The pit of my stomach didn’t buy any of this.
A summoning spell like the one Cyrus had used on the rats, I thought as I flew madly back toward the castle, but a spell with a subtle change to summon children instead. Feeling aggrieved at the bishop for making him give up the prayer sessions where people essentially came and worshipped him, at me for exposing his use of magic, and at the mayor and council for not coming to find him in the seminary with some even better reward than the key to the city, he — or the demon-had decided to take his revenge through the children. His piping would have drawn them all as surely as it had drawn the rats; Antonia, whose flair for magic made her particularly susceptible, wouldn’t have stood a chance.
Now I just had to try to find some clue to show where they had gone. Not taken downstream and dropped off like the rats, either to drown or wander away, I tried to persuade myself. According to Gwennie’s account, fuller than what Theodora had written the bishop, Cyrus had invited a number of his old friends, the children from the artisans’ quarter, for a country stroll. Antonia’s friend Jen had apparently been one of them, and Antonia had gone along. Adults had heard piping in the distance, but only Theodora had realized, when she felt a faint tug herself, what it meant, and by then other children were leaving their chores and their games to race through the city streets and out the gates. By the time the grownups went after them, every child under fourteen was gone.
But was there even more to this? Had Cyrus been especially interested in my daughter? He had seemed to know who I was when we first met, and if he was, as I intermittently suspected, part of Vlad’s planned revenge on me, then seizing Antonia would be doubly sweet, since he was already furious with me. Any of several people could have told him I was Antonia’s father-Theodora’s neighbors, even the Lady Maria, who had been so uncharacteristically closed-mouthed since coming home. Was summoning the rest of the children both generalized revenge and also a chance to conceal his nefarious plans for one particular child?

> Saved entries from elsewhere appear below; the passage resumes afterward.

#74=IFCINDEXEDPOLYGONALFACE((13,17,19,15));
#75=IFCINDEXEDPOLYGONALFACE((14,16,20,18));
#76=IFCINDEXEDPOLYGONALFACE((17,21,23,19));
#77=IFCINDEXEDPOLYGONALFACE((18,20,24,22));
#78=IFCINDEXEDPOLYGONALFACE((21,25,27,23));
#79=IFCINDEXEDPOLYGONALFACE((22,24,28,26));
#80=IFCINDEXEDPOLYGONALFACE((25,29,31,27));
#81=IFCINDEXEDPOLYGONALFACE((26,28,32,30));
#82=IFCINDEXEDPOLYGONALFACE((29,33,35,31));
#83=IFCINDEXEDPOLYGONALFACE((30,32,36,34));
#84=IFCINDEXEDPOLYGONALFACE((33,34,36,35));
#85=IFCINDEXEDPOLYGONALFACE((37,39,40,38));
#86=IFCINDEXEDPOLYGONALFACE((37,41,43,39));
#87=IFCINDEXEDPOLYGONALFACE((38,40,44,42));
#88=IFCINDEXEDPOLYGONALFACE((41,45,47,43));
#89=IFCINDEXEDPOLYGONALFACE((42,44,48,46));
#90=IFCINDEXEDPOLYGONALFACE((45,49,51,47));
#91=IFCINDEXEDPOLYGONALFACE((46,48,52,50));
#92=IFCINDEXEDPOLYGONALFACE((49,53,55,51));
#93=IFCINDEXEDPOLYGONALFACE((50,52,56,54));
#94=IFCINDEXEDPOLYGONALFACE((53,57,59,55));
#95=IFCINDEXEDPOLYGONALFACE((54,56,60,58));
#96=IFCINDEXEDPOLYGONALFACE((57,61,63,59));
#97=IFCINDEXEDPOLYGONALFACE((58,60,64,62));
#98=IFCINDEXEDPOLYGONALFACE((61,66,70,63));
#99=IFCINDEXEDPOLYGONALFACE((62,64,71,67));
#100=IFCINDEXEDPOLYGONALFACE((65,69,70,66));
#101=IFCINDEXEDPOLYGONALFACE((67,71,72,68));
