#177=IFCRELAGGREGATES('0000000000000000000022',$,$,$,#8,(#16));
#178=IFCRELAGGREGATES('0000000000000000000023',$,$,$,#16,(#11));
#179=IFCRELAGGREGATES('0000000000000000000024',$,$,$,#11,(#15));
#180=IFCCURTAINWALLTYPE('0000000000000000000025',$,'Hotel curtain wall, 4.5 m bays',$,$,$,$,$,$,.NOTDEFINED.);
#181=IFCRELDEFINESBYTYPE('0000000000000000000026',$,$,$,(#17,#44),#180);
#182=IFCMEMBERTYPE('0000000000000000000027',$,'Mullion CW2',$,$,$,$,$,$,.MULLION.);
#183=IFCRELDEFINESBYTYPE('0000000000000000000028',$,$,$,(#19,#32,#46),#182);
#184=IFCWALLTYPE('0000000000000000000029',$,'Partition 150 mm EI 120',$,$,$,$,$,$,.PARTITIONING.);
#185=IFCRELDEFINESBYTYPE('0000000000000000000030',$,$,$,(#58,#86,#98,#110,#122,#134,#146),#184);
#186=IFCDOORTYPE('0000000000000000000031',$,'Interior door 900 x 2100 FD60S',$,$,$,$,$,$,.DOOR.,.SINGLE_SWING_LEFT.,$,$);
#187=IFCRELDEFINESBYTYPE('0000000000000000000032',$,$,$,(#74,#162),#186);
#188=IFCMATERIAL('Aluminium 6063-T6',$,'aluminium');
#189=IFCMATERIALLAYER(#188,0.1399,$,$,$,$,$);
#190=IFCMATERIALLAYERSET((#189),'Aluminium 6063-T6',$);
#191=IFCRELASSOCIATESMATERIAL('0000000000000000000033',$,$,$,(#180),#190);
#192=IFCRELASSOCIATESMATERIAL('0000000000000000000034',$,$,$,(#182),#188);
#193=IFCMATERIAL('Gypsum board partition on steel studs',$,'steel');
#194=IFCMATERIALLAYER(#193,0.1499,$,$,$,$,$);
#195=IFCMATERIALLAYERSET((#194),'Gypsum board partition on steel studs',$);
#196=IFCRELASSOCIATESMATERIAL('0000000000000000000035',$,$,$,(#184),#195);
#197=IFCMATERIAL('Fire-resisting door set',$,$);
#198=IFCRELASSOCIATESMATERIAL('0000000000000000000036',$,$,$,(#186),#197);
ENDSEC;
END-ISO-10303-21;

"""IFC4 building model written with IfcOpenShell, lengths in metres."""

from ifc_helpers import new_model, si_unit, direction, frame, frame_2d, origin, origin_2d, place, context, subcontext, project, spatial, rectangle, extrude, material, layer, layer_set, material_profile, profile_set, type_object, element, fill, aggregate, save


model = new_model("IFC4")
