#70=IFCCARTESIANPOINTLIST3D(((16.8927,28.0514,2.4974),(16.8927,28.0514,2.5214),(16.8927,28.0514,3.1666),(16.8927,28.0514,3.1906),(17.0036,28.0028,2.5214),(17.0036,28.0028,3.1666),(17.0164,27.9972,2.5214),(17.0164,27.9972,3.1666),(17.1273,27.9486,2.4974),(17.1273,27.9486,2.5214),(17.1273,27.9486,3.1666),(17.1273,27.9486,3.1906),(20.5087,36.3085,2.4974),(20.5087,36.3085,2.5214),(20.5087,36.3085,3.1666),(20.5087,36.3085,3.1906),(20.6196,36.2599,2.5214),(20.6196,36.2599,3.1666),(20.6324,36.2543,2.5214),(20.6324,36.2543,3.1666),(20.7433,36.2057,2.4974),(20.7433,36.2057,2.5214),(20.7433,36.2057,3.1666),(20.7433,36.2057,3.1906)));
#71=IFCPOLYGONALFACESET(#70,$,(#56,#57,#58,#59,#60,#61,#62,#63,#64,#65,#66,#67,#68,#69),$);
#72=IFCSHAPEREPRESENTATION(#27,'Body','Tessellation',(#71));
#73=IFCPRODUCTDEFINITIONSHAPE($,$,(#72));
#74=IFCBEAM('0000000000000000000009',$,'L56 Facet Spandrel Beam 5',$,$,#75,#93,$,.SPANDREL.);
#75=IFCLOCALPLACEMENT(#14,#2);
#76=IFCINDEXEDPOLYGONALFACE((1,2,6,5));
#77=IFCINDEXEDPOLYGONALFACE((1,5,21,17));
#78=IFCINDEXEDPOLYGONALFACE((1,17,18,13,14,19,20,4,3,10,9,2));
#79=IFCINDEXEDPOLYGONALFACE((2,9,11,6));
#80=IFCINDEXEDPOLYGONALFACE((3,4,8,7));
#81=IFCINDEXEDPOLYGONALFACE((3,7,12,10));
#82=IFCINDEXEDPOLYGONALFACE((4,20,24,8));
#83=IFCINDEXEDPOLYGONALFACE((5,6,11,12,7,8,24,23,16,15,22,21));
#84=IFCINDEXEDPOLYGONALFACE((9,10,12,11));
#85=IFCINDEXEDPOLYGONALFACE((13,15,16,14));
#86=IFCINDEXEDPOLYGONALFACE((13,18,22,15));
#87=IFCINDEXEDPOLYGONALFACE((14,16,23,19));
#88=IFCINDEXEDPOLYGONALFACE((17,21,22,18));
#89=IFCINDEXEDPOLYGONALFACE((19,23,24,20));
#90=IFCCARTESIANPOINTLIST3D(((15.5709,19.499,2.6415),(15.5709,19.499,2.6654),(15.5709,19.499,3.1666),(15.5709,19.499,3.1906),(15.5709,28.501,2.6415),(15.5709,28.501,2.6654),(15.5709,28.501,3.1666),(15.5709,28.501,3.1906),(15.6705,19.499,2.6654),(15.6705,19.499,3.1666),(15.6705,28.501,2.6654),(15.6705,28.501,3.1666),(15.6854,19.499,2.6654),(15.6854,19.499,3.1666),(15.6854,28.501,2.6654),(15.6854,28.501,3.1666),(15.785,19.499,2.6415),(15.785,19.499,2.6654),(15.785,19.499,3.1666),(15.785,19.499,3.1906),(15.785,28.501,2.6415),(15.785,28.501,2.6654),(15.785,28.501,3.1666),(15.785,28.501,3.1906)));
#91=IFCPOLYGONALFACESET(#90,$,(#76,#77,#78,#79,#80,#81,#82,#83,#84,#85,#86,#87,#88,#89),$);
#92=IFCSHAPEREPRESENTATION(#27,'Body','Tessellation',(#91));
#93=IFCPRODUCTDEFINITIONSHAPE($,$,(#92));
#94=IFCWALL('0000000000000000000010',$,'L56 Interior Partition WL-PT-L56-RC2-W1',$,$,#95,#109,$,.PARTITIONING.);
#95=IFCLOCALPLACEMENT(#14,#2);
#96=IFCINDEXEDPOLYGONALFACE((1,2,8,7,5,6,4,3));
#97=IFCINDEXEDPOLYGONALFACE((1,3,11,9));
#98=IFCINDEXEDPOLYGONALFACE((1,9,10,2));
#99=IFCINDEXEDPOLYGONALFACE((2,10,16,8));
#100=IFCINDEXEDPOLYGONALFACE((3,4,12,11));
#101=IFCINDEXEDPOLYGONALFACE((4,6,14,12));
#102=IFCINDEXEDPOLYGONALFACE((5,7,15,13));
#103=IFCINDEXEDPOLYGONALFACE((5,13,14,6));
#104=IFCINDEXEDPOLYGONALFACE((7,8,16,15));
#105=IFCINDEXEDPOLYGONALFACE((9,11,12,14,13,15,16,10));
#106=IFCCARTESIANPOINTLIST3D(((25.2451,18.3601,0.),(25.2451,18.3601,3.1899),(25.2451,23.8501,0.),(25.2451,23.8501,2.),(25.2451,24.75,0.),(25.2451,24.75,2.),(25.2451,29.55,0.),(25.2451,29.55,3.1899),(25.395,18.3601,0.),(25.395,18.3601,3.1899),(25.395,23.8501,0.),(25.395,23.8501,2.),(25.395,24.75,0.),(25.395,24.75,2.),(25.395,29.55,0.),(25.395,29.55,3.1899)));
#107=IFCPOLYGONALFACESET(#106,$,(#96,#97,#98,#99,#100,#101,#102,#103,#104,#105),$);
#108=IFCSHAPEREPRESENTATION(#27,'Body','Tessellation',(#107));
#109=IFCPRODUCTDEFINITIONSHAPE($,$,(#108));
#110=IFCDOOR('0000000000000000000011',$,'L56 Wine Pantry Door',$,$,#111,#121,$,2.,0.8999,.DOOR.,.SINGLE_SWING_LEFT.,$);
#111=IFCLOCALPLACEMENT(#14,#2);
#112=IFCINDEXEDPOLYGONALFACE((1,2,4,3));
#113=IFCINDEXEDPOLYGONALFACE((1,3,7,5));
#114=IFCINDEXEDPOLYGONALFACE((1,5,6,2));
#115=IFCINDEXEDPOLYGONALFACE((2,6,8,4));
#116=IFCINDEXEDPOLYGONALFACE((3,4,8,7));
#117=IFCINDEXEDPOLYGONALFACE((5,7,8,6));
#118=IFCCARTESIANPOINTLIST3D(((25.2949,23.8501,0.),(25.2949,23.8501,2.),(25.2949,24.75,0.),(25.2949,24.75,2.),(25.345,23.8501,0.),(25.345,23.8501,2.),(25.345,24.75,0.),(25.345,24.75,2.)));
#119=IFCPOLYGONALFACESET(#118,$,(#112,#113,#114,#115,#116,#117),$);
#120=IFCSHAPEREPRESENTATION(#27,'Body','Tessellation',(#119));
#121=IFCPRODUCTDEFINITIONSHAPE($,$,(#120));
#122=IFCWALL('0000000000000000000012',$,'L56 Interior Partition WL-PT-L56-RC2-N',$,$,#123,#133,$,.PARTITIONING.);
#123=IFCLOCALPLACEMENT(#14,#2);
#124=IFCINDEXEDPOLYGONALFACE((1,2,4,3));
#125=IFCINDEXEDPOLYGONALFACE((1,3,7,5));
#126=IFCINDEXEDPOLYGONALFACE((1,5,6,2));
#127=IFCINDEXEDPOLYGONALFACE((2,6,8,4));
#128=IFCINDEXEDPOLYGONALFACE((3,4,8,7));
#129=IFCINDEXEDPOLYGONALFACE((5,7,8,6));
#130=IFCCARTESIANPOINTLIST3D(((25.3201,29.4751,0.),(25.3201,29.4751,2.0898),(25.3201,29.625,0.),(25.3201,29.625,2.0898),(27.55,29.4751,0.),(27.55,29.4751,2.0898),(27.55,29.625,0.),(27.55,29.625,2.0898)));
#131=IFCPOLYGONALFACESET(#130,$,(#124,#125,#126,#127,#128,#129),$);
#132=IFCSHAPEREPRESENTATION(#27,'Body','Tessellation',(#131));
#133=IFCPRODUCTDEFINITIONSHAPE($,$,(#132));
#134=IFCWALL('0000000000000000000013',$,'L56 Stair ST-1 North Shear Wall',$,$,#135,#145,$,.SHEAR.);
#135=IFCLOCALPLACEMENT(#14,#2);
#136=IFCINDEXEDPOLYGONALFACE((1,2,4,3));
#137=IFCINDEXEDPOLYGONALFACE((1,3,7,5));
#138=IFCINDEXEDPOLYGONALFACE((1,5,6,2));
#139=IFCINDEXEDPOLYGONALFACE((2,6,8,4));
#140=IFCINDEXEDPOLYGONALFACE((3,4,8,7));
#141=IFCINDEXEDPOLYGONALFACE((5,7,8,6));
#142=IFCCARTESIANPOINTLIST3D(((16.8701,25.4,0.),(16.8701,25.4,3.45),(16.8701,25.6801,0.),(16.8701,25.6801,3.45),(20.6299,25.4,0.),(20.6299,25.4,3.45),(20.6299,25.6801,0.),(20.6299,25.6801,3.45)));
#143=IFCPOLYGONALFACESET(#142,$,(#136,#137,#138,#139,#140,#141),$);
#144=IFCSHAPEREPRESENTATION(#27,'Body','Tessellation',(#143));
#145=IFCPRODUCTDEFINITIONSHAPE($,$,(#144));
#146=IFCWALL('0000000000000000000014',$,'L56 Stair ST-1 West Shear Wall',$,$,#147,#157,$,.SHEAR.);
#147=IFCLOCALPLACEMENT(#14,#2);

I flew over the walls of the royal castle and went straight to the Lady Justinia’s chambers. “I need your flying carpet, my lady,” I said with minimal effort toward politeness. “And I need it now.”
Her automaton leaned threateningly toward me. “This is passing abrupt, O Wizard,” Justinia said coolly. “The carpet is mine, given me by the mage Kaz-alrhun for my own transportation to safety, not for the convenience of western wizards and their daughters.”
I didn’t have time to explain properly or to respond to the sarcastic note in her voice. “Antonia’s been kidnapped by an evil wizard, and I have to go after her.”